У него перехватило дыхание, и он закрыл глаза. За ними, как взорвавшаяся звезда, была чистая боль утраченного времени. Он положил руки на бедра, словно сдерживая внутри страшную боль.
— Теперь я думаю об этом, как о детстве, — сказала она. — О чем-то, что было когда-то, но что не может появиться снова.
Томас посмотрел вверх, на потолок, как делают, когда не хотят показывать слез.
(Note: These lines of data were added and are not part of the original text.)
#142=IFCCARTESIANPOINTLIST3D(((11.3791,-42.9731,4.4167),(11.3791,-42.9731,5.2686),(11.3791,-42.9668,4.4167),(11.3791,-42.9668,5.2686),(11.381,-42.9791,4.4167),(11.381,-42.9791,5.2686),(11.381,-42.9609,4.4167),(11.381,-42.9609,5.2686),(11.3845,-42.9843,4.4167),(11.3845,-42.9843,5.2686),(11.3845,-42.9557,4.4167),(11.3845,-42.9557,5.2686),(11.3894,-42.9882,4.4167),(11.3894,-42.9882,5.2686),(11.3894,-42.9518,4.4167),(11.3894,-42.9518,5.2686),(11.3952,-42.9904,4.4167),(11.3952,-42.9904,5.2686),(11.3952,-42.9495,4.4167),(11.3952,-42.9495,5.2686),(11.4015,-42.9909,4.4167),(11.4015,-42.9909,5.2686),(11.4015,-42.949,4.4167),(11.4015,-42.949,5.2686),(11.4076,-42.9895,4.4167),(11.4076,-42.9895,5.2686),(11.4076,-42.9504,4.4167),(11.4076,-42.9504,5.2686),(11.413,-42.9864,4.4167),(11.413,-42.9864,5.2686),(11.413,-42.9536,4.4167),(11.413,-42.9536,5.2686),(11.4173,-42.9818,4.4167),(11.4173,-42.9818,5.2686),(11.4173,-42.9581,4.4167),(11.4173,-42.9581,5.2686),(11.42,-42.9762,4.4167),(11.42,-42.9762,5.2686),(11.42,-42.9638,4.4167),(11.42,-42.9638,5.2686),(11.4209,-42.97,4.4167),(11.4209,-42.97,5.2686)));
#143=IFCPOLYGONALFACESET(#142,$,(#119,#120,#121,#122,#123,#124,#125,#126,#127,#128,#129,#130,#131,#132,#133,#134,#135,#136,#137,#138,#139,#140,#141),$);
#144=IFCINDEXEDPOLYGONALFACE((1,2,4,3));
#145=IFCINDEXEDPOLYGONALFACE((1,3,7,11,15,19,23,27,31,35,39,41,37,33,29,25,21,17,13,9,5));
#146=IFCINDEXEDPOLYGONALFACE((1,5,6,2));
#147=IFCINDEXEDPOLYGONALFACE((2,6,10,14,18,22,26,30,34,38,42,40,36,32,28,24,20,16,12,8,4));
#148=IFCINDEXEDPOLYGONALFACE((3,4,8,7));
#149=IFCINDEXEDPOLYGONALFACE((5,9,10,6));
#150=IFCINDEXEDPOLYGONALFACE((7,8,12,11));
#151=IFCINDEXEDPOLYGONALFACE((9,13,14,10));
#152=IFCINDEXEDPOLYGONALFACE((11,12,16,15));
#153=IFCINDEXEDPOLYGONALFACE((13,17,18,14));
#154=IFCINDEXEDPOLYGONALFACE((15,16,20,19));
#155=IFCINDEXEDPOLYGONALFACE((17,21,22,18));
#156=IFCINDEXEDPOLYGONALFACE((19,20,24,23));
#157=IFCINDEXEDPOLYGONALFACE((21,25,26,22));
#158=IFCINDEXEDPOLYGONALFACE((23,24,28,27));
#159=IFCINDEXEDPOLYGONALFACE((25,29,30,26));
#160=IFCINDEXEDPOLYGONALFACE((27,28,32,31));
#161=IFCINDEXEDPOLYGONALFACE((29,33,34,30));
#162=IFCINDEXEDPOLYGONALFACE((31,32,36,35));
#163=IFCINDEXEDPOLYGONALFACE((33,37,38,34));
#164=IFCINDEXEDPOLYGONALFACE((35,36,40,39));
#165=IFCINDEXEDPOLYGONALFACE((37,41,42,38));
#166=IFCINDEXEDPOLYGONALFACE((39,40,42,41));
— Почему ты отозвалась? — спросил он хриплым голосом.
Она положила ногу на ногу, и ей пришлось подвинуться в сторону в узком проходе.
— По всем тем причинам, которые я тебе называла. Я думала, что ты забыл меня, просто стал жить дальше своей жизнью.
— Никогда.
— Я знала, что ты женился. Моей тетке не терпелось сообщить мне об этом. Думаю, она позвонила мне, как только узнала об этом.
— О Линда.
— Вот так.
Он не мог прикоснуться к ней в церкви. Какую бы ненависть она ни испытывала к своему Богу, он знал, что она будет против такой попытки. Когда они вышли из церкви, он тоже не мог притронуться к ней, потому что дети терпеливо ждали их и шли за ними по тропинке. И только когда деревня осталась позади и дети уже исчезли из вида, он протянул руку и остановил ее. Она обернулась — слава Богу, с такой готовностью — и прильнула к нему. Первый поцелуй показался незнакомым, но он все равно чувствовал, что вернулся, приехал домой, пристал к берегу. И мог бы сказать ей об этом, если бы она не закрыла ему рот вторым поцелуем, вкус которого напомнил теперь о тысячах других. Линда обвила сильными руками его шею и трогательно притянула его голову к себе. Томас оступился и упал на колени, не намеренно, а потому, что потерял равновесие. Она привлекла его к себе, так что он оказался прижатым к ее обнаженному животу. Наслаждение было столь велико, что он застонал от благодарности. Она склонила свою голову к его голове.